The conditions of public lands on the ground are disastrous across the West.

Federal agencies’ administration of public lands across the west has failed to meet very basic environmental standards as directed by Congress in the agencies’ respective organic acts1 and as established by other environmental statutes and direction. This failure to lawfully administer grazing on federal public lands is ubiquitous across the western landscape2.

Researchers have suggested livestock grazing is “the most severe and insidious of the impacts on the rangeland” and that grazing is the “most insidious and pervasive threat to biodiversity on rangelands.”3 Wildlife and species populations have declined as direct conflict with livestock and shared habitats sustain a myriad of ongoing impacts from public lands ranching.  Direct impacts associated with livestock includes the widespread pollution of water,4the removal of vegetation – i.e. direct competition with wildlife for food,5 the alteration of complex habitat structures and composition including the most significant contributor to desertification of the western landscape,6 the physical impairment of stream-bank (riparian) habitats7 that a majority of wildlife depend on for survival in the semi-arid and arid west, soil disturbances which allow for displacement of native vegetation with exotic weeds,8 the introduction and continued exposure of disease and a host of additional direct impacts.

Public Lands Ranching

Unnamed creek, ESA listed Bull trout habitat impacted by livestock grazing – Pass Creek Allotment, Lost River Ranger District – Challis National Forest. (Photo: Dr. John Carter)

A. Water Quality

Mismanagement of public lands ranching has resulted in the diminished quality and quantity of water originating from mountain springs and streams, many of which once ran clear and clean enough to drink from directly, a western American pastime.  On several public land allotments in Wyoming, the Bighorn National Forest conducted water quality testing on streams running through permitted allotments and found levels of E coli so high that the water was unsafe to touch with exposed skin, let alone drink from as is the intent of state standards promulgated by Congress as established by the Clean Water Act.  In 2010, the Journal of Water and Health published the results of an independent study that was conducted in the Sierra Nevada Mountains of California, a chief source of drinking water for over 40 million American citizens.9 Researchers found livestock grazing on public lands to be the primary source of fecal coliform and E. coli contamination of drinking water.  In addition, researchers found that livestock may be depositing enough Giardia-transmitting protozoa to infect the entire city of Los Angeles each day.  The Forest Service refuses to appropriately respond by reducing livestock impact to California’s drinking water supply.
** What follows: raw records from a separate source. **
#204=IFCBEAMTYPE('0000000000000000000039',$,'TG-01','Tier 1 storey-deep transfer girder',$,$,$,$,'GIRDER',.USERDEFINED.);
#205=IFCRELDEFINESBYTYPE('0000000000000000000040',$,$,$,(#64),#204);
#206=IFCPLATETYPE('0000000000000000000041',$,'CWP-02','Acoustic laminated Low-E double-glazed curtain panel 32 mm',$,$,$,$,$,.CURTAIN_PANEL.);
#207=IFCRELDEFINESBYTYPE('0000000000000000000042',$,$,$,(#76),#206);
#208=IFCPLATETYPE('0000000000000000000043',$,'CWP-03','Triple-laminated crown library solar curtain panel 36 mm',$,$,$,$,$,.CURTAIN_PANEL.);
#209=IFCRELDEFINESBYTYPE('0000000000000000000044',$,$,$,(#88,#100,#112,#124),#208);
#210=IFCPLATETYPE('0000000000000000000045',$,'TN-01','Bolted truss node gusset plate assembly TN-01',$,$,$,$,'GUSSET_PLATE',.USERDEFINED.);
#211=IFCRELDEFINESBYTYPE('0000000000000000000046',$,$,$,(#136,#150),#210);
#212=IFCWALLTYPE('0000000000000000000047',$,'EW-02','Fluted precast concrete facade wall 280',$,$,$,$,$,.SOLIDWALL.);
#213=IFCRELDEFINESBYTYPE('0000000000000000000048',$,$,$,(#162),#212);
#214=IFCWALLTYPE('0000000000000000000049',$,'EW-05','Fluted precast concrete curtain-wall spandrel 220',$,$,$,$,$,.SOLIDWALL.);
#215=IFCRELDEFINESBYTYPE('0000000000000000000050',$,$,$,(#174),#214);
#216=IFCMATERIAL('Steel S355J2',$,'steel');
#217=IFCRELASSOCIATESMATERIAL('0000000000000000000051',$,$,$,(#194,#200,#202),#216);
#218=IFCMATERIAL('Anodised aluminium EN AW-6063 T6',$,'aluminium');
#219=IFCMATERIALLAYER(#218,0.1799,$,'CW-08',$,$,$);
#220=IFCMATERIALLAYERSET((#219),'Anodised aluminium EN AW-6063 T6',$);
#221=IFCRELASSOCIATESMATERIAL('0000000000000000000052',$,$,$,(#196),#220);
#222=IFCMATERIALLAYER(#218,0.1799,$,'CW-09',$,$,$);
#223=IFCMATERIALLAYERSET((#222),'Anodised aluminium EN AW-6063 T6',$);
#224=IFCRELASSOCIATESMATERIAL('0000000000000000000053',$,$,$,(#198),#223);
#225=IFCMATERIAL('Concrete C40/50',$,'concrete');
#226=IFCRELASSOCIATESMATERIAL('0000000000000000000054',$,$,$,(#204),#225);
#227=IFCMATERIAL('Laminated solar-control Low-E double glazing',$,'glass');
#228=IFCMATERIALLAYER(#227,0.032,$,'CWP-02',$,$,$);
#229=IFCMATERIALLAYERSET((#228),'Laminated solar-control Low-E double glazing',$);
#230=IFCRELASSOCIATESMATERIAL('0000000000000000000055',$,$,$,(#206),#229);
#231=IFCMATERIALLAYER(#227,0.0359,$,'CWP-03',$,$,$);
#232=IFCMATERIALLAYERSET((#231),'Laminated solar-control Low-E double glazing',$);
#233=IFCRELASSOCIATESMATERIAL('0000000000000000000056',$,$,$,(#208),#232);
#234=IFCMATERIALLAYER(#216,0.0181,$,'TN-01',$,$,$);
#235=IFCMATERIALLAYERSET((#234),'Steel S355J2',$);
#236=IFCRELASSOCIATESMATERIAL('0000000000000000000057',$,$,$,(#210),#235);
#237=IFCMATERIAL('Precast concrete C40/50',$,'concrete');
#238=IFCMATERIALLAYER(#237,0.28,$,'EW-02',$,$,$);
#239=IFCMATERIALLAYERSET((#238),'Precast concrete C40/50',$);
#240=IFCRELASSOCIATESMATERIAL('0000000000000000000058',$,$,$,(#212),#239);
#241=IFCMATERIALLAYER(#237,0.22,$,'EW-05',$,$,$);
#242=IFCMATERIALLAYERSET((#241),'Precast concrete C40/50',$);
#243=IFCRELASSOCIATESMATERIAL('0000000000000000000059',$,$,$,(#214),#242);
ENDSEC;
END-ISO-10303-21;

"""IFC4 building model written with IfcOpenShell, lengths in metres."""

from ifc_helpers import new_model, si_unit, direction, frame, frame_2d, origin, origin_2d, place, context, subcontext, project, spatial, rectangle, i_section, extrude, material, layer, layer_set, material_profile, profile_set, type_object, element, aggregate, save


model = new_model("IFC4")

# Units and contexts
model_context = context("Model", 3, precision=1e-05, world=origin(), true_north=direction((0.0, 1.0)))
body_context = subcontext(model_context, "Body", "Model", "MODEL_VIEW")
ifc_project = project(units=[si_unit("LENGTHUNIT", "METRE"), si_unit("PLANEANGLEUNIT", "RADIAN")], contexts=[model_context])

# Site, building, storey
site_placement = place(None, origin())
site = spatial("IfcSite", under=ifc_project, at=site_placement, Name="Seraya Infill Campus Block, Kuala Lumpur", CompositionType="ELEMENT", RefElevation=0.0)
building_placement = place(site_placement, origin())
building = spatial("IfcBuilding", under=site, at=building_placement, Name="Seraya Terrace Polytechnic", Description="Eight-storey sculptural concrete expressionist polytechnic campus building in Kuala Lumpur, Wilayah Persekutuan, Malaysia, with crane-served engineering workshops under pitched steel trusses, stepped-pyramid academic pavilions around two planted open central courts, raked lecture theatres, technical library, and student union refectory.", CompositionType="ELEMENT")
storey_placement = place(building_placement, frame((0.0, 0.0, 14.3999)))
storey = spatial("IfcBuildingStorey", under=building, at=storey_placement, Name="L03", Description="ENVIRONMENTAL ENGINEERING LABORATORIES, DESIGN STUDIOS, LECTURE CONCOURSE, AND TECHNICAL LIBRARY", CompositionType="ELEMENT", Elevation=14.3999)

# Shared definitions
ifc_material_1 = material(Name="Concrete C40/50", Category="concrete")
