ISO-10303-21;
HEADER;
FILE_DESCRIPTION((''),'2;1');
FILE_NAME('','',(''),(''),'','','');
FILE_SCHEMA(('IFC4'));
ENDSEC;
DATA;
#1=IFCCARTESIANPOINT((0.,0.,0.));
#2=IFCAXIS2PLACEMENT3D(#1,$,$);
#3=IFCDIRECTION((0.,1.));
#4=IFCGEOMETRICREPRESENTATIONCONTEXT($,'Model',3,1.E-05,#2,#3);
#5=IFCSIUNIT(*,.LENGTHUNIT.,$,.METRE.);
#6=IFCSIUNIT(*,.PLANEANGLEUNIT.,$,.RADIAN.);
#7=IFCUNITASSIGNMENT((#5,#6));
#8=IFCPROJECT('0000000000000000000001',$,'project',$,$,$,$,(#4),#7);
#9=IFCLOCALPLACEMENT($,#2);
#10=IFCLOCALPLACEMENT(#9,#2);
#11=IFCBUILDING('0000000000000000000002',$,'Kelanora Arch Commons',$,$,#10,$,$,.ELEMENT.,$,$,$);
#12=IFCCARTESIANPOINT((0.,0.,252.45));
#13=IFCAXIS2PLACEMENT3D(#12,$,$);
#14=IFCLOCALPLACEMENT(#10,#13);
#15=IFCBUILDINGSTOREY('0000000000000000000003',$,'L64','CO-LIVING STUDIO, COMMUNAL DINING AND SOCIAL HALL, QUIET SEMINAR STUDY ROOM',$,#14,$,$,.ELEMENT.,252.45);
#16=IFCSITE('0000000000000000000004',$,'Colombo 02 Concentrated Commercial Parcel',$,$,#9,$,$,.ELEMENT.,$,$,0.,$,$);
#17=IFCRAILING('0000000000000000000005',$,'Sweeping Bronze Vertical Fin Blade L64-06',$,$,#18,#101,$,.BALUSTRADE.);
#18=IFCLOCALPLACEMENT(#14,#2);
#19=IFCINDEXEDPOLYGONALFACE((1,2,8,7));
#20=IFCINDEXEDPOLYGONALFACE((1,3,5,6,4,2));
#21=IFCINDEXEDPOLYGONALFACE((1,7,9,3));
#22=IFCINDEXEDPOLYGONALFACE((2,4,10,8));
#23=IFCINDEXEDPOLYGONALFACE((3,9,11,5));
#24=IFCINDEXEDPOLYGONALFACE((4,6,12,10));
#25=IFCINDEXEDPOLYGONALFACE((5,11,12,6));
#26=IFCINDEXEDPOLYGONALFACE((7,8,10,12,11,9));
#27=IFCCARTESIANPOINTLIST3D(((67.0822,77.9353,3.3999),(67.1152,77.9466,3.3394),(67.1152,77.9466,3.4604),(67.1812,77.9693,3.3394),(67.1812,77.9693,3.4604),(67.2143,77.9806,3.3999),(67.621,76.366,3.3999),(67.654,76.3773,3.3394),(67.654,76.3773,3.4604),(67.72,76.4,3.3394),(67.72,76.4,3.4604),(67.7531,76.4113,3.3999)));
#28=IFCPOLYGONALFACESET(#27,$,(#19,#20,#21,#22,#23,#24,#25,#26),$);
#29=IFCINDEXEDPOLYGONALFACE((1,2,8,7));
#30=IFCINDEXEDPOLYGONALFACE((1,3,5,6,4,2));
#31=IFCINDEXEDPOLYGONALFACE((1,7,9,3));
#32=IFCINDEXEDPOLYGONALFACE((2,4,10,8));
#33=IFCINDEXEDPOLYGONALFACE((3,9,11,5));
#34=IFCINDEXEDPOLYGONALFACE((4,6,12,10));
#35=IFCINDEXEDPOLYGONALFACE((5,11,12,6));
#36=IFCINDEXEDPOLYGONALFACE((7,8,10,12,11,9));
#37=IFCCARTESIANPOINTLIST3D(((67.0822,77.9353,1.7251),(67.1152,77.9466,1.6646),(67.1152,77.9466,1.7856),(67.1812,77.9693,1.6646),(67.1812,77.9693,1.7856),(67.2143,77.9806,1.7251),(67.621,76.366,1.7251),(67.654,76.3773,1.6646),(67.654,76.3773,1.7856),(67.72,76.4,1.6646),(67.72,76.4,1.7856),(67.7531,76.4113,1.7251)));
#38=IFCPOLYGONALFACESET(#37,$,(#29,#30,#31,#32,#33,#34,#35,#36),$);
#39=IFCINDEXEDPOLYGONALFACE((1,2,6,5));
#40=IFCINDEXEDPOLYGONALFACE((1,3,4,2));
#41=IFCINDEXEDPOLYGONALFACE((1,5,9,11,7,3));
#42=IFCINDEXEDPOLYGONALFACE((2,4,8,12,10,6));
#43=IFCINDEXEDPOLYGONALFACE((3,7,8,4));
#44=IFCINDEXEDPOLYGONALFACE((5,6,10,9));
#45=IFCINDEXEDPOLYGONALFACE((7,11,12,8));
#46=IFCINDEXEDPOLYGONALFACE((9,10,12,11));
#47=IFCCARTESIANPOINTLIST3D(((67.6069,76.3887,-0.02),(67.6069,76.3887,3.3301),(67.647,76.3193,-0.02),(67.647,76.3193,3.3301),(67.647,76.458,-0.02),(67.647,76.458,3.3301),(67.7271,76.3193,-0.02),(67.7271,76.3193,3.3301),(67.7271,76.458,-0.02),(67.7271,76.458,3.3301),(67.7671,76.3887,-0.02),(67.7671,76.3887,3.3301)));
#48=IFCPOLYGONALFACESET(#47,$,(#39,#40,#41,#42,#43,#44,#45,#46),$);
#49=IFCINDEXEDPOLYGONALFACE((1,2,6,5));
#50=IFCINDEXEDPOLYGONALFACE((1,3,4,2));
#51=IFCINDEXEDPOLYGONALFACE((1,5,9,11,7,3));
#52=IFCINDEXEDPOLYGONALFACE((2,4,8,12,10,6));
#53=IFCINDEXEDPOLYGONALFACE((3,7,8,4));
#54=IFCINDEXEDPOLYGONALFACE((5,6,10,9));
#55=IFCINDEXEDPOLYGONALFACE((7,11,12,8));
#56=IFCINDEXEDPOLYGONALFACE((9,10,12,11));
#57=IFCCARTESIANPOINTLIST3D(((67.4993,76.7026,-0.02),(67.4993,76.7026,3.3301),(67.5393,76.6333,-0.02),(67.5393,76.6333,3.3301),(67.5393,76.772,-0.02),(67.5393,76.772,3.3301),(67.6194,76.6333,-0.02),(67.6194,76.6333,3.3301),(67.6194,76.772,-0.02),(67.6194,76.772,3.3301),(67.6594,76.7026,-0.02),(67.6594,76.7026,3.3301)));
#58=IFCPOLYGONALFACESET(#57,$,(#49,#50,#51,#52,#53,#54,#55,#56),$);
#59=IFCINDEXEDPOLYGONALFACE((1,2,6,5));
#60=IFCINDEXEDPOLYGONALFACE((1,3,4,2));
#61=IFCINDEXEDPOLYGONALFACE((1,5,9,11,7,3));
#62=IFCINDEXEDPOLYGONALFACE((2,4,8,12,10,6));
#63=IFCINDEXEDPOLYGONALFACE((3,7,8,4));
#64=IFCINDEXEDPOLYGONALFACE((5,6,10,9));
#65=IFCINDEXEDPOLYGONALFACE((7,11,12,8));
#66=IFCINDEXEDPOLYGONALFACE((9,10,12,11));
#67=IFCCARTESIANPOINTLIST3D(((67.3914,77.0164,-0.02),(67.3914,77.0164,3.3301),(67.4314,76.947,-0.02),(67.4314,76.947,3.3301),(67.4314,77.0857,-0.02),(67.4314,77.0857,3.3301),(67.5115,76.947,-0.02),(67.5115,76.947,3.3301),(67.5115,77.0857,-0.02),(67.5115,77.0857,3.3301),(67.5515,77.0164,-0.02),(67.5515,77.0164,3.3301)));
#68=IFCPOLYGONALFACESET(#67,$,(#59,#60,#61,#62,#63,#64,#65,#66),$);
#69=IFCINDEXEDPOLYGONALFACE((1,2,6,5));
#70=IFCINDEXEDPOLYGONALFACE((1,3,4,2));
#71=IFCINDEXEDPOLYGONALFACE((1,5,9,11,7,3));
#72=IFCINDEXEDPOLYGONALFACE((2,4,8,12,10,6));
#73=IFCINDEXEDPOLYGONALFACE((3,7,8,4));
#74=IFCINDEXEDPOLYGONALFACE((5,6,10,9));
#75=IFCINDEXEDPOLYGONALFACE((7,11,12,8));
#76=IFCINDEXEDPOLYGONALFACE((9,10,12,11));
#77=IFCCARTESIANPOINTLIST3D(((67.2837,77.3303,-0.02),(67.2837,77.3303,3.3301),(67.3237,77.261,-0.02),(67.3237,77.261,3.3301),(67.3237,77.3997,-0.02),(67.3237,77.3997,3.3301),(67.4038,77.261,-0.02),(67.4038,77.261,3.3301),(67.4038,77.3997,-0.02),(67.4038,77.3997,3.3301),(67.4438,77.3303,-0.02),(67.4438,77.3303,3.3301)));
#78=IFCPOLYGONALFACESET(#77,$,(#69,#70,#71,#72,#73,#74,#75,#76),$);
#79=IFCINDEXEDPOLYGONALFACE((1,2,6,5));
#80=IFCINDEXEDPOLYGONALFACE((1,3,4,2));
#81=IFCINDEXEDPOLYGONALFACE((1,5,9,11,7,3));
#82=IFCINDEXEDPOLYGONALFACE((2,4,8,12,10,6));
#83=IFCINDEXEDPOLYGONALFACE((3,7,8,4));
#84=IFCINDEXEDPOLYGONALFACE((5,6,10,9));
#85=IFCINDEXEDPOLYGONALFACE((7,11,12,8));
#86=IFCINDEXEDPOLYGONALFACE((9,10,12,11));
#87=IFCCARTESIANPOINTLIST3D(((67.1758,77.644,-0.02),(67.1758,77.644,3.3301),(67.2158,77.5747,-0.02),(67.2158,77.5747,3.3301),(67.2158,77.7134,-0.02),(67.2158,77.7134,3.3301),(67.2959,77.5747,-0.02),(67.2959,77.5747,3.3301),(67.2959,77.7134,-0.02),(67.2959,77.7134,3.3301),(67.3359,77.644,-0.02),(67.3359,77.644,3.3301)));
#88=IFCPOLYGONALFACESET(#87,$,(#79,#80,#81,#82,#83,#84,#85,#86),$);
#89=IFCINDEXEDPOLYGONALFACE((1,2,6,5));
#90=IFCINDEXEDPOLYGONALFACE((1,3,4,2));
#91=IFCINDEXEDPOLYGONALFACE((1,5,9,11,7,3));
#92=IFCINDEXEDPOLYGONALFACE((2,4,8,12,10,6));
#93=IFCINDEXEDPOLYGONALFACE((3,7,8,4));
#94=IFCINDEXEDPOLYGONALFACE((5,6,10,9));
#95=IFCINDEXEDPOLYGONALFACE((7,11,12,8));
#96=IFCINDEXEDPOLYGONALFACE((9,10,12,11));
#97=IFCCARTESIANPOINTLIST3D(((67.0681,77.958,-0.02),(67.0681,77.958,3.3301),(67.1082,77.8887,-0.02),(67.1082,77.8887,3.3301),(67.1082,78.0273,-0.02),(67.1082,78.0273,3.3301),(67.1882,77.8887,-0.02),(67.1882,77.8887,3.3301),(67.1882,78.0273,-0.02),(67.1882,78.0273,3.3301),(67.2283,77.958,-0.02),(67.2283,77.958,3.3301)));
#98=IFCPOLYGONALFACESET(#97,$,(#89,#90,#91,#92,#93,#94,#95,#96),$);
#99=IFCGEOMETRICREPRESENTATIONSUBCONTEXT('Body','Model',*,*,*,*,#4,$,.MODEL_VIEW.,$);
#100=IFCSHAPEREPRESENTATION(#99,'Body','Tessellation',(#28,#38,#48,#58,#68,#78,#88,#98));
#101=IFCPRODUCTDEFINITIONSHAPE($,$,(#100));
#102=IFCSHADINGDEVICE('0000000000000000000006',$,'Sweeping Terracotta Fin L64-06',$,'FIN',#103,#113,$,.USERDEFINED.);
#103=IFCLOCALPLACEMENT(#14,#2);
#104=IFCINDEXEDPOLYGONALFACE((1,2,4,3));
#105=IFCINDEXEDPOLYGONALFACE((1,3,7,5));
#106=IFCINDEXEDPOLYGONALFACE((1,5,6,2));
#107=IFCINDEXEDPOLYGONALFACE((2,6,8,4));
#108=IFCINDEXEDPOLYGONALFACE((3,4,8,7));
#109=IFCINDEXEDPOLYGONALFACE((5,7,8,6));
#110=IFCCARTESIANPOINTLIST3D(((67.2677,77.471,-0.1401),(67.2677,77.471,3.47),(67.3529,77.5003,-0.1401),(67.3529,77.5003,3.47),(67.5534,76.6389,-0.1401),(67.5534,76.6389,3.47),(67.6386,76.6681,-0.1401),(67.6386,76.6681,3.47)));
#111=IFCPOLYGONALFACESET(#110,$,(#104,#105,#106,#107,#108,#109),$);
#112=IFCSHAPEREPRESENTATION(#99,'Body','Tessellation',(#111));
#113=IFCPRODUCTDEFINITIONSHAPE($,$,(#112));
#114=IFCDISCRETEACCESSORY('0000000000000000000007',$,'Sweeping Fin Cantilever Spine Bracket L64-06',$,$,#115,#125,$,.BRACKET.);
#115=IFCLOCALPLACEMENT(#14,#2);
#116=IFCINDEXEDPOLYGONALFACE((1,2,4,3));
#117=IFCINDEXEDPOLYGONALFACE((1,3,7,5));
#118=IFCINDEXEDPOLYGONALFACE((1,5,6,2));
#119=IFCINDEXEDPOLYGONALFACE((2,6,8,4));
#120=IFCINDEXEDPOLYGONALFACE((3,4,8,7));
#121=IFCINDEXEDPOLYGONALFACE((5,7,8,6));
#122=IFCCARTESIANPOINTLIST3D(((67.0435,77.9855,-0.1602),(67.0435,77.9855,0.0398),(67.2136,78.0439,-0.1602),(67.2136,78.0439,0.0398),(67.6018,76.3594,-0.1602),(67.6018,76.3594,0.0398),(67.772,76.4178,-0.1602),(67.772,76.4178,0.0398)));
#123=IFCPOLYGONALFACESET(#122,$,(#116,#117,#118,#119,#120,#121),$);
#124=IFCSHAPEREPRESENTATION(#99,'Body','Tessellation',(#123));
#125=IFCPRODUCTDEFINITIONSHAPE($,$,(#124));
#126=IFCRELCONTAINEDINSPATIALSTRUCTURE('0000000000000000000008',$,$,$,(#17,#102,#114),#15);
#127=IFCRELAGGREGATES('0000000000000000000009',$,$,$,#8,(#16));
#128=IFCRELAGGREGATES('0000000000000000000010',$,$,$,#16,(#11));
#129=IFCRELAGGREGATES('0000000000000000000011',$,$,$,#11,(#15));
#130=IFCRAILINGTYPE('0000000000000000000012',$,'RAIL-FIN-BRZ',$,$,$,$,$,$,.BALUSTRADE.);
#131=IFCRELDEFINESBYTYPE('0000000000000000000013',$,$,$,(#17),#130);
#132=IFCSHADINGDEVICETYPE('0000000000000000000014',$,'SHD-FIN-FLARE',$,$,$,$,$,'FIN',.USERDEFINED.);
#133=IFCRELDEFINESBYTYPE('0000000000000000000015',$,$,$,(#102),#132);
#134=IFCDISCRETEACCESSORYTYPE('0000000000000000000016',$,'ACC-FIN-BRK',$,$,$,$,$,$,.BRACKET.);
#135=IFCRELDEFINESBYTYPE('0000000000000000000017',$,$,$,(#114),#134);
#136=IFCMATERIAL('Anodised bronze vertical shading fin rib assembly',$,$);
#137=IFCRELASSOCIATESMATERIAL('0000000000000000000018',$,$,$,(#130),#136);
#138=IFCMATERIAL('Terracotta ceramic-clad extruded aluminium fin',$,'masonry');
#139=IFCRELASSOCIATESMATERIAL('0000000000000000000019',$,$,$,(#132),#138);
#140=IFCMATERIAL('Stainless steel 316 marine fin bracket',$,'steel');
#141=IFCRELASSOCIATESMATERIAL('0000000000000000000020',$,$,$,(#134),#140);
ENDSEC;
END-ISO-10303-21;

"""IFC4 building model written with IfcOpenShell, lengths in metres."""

from ifc_helpers import new_model, si_unit, direction, frame, origin, origin_2d, place, context, subcontext, project, spatial, polyline, rectangle, outline, extrude, source, transform, mapped, material, type_object, element, save


model = new_model("IFC4")

# Units and contexts
model_context = context("Model", 3, precision=1e-05, world=origin(), true_north=direction((0.0, 1.0)))
body_context = subcontext(model_context, "Body", "Model", "MODEL_VIEW")
ifc_project = project(units=[si_unit("LENGTHUNIT", "METRE"), si_unit("PLANEANGLEUNIT", "RADIAN")], contexts=[model_context])

# Site, building, storey
site_placement = place(None, origin())
site = spatial("IfcSite", under=ifc_project, at=site_placement, Name="Colombo 02 Concentrated Commercial Parcel", CompositionType="ELEMENT", RefElevation=0.0)
building_placement = place(site_placement, origin())
building = spatial("IfcBuilding", under=site, at=building_placement, Name="Kelanora Arch Commons", CompositionType="ELEMENT")
storey_placement = place(building_placement, frame((0.0, 0.0, 252.45)))
storey = spatial("IfcBuildingStorey", under=building, at=storey_placement, Name="L64", Description="CO-LIVING STUDIO, COMMUNAL DINING AND SOCIAL HALL, QUIET SEMINAR STUDY ROOM", CompositionType="ELEMENT", Elevation=252.45)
On a vast majority of waters originating on public lands grazed by livestock, agencies refuse to test, let alone adequately consider water quality impacts in their environmental reviews of permit.

B. Infrastructure

In addition, livestock grazing infrastructure, commonly bought and paid for by the American tax-payer, has quite literally tamed the once wild West.  Hundreds of thousands of miles of fencing on public lands have obstructed natural wildlife movement and migration, and water developments built to facilitate livestock use of public lands have dewatered springs, seeps, and streams which serve as critical habitats for a variety of wildlife across the West.

In administering public land ranching, agencies have subjected public lands to widespread habitat alteration projects.  One example took place on public lands just outside of Yellowstone National Park, a renowned public landscape celebrated by a majority of Americans for its wildlife attraction and breathtaking beauty.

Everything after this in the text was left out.